Безобразны, но в то же время красивы
Все детали этой машины
Ни Дзигоро Кано, ни сектант Уэсиба
Не достигли подобной вершины.
Пробирает похлеще энергии ци,
смертоноснее рыбы фугу
Школа Загнанной в угол овцы
Загнанной в угол.

Если вы не знакомы еще с палачом,
Вам расскажут топор и катана,
Как на плахе сенсей Емельян Пугачев
Удостоился высшего дана,
Несмотря на стремленье пойти до конца,
Не хватило критической массы,
Но когда из груди вырывают сердца
В них пульсирует пепел Клааса.
Это чувствуют те, кто строит дворцы,
Конвертируя нефть, газ и уголь
Школа Загнанной в угол Овцы
Загнанной в угол

Роман Смирнов. (из «Кто шагает дружно в ад»)

девочка родившаяся в горьком
надцатом стооком и далеком
верила что жизнь восходит в горку
и уходит облаком за блоком
воздухом дышала надышаться
не было ни опыта ни шанса

девушка смеющаяся громко
радио вещающее рано
платья выпускного смята кромка
слово удивительно и бранно
мамины подруги не смешливы
столько пыли жили были шили

братья рядовые и калеки
руки золотые эти взгляды
держатся за землю держат лейки
шепчется моя ты лада лада
женщина почем у вас картошка
восемь положи ещё немножко

времечко такое пугачёво
прятаться по моему напрасно
очередь стоит за хлебом черным
очередь идёт за гробом красным
кажется на фото в раме дышит
бабушка скончавшаяся в нижнем

Сергей Адамский. Маленькая игра (из «Когда вокруг все признаки заката»)

…когда вокруг — все признаки заката,
и круг земель двусмысленно дрожит;
когда по клеткам брат идет на брата
за страшные ночные миражи —
что делать нам?
сидеть в границах круга
и, даже если это не спасёт,
по мере сил вычёркивать друг друга
из перечня ответственных за всё.

не лучший ход.
но здесь игра такая,
что каждый шаг отчасти вопреки;
финальный раунд, время истекает,
и правил не припомнят игроки.
нам остаётся быть в границах круга;
писать стихи;
опять писать стихи;
и не спешить вычёркивать друг друга
из перечня хороших и плохих…

Павел Бузни. (из «Хлебные крошки со стола тревожности»)

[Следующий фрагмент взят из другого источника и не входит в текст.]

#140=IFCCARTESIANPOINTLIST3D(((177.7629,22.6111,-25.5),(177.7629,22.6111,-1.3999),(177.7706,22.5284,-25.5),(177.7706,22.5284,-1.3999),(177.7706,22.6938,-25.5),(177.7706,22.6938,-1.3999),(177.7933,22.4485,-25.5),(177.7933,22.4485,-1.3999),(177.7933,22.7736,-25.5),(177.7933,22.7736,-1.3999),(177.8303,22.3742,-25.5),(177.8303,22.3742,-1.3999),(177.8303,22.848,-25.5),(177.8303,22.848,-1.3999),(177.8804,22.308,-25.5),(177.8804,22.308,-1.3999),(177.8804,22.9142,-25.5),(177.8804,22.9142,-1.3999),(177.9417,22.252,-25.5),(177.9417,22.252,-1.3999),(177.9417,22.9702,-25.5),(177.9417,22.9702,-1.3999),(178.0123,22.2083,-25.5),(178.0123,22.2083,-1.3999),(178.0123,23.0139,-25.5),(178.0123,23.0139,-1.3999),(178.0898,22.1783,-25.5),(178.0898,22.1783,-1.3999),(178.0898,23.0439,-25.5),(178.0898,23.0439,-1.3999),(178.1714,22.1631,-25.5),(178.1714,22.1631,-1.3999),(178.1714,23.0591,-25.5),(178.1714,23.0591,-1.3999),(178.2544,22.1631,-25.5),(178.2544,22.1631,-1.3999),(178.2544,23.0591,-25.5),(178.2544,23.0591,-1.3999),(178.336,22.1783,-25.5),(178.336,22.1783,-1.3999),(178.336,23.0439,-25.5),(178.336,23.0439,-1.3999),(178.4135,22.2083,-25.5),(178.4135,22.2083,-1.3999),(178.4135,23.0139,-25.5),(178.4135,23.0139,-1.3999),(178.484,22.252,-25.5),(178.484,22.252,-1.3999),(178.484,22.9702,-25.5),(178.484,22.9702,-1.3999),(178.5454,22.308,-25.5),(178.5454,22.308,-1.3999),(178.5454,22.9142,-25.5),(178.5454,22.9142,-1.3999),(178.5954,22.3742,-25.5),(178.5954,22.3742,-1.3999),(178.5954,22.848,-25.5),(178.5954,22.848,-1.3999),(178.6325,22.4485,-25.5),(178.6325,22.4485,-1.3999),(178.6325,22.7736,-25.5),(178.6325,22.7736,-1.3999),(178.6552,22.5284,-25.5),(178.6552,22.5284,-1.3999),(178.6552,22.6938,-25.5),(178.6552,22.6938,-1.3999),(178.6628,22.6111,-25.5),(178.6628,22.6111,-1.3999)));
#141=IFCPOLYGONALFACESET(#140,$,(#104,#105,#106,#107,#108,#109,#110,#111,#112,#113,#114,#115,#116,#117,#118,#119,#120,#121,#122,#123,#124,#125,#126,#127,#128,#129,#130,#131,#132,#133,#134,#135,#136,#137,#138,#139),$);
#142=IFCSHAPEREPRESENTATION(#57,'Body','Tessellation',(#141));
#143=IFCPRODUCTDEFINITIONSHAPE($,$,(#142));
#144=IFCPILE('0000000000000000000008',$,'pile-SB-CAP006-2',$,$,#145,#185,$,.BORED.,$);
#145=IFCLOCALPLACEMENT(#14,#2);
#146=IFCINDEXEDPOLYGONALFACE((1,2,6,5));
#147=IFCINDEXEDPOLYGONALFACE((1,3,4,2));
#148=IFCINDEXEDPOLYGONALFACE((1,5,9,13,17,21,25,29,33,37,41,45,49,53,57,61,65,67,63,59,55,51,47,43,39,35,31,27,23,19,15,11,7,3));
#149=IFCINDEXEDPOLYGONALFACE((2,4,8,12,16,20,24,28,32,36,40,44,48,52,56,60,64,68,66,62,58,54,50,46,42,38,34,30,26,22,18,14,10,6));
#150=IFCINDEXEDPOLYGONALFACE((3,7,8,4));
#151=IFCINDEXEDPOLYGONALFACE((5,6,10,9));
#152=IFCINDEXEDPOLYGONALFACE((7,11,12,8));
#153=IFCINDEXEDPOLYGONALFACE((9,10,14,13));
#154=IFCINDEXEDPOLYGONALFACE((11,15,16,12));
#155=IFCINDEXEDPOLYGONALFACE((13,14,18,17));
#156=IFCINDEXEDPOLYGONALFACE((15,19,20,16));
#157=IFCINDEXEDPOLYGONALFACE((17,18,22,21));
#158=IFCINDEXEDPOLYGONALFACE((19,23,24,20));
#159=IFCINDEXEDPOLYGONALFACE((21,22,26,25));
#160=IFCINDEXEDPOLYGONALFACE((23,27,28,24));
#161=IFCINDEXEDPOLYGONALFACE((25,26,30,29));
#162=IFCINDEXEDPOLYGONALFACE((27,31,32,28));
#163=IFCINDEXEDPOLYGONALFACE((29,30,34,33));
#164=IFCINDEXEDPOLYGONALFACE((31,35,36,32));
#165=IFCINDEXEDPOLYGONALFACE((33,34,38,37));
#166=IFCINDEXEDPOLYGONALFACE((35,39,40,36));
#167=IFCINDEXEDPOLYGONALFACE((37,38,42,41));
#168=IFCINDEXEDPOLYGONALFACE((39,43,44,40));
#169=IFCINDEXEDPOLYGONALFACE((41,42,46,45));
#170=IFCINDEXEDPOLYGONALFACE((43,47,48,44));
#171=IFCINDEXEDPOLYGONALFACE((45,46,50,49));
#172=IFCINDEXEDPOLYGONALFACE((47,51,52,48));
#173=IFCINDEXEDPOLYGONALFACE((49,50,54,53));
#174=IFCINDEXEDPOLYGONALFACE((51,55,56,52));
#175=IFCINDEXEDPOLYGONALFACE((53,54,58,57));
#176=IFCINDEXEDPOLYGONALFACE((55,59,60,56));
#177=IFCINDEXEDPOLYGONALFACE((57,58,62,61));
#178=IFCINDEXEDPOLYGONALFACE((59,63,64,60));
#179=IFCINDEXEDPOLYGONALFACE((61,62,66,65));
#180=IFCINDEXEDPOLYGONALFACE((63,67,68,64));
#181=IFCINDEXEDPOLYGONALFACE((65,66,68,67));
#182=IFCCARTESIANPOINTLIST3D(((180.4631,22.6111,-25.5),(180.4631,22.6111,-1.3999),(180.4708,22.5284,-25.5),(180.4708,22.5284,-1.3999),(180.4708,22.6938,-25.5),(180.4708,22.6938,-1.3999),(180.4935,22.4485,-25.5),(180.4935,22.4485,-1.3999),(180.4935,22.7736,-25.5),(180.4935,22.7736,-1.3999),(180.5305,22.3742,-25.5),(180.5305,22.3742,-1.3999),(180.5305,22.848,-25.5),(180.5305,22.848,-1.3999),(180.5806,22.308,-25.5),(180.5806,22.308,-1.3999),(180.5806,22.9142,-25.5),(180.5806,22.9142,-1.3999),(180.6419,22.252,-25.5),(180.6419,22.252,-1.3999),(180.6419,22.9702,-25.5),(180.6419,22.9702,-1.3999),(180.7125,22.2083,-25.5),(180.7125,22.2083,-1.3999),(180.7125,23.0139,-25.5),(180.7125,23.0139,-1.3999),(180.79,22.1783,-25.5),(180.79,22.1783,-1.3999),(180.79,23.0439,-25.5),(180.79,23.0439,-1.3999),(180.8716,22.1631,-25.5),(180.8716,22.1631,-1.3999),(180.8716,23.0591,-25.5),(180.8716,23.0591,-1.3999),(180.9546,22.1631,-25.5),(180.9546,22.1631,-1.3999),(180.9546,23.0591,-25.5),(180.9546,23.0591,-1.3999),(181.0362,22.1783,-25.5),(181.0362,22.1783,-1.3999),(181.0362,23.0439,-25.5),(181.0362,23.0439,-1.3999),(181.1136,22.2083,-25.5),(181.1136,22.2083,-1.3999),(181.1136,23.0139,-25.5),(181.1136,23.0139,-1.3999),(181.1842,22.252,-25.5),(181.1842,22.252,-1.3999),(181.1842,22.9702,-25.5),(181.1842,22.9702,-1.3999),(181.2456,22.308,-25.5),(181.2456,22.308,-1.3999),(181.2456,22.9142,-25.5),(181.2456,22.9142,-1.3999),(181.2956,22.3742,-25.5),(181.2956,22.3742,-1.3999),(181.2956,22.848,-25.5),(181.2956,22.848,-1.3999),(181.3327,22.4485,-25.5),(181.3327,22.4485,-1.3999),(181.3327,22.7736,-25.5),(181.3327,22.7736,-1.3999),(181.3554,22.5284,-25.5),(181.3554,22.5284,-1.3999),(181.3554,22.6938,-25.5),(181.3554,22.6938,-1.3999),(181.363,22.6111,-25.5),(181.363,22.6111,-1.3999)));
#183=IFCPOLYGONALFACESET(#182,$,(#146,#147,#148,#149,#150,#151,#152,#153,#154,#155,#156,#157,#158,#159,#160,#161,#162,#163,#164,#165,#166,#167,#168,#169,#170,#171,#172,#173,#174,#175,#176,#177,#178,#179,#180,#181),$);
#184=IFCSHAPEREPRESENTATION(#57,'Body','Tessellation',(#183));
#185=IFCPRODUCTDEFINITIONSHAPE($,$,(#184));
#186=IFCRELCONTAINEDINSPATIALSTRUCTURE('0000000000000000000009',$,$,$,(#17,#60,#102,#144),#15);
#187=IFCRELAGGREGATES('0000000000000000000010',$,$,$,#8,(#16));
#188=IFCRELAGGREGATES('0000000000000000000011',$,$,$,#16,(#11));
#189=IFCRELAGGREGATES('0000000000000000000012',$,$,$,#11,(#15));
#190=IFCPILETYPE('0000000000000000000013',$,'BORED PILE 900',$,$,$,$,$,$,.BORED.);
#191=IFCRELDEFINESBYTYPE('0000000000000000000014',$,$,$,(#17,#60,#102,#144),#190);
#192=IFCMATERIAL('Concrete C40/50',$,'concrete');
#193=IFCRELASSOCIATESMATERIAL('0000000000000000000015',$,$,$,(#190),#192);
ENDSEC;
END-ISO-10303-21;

Ракета говорила с облаком:
Эй, облако, по ком там клокочут дожди в суровой твоей утробе,
Прежде, чем разродиться?
Облако рожало ответственную риторику:
Дело не в ком-то конкретном.
Я же не высокоточное оружие
Как ты, например.
А просто ковровым поливом
Выращиваю растения.
Это понятно всё, — махнула крылом ракета, —
Мне вот, допустим, неважно: Харьков, там, или Череповец.
Куда направят, туда и — командировка,
Мне лишь мотивация необходима
Из командного пункта.
Уважаю твою позицию, — говорило облако, — но тут такой момент.
Меня из грунта поднимут травы,
Чтобы дождаться следующей инкарнации.
А какая сила поднимет тебя?
Ракета не успела ответить, упав под Харьковом.
Облако разродилось в Череповце
Блистающей радугой.

Александр Мельник. (из «Фантомная боль»)

Капля дождя не оставляет следа
ни на моём окне, ни на стене собора,
но иногда сходит с ума вода –
сносит с пути мосты и заливает город

Тысячи лет катится к морю река
времени – для неё в прошлое нет возврата,
но храм Артемиды в памяти на века
связан морским узлом с именем Герострата.

Мутный поток с северной кручи на юг
ринулся, затопив спящую Украину.
Мама, проснись – умершим тоже каюк,
бомбы крушат твою кладбищенскую долину.

Вновь Герострат, злобою перегрет,
храм обругал и мстительно чиркнул спичкой.
Капля дождя решила оставить след
и по стеклу кровавой стекла водичкой.

Вадим Жук. Vita Nova (из «Центральный Дворец Дружеских Нашествий»)

Центральный Дворец Дружеских Нашествий.
Подъехал сияющий лаком танк,
Выходит строгий длинношерстный
Самый главный орангутанг.

Гамадрилы, гиббоны, шимпанзе.
Магазин. Ресторан. Дискотека.
Театр. Дума… На сияющей Z —
«Обезьяна произошла от человека».

Нескольким людям жизнь подарена.
Хорошее содержание. Строгий конвой.
Макаки приколачивают портрет Дарвина
Вниз бородатой головой.

Юлия Немировская. (из «Люди разлюбили моего Христа»)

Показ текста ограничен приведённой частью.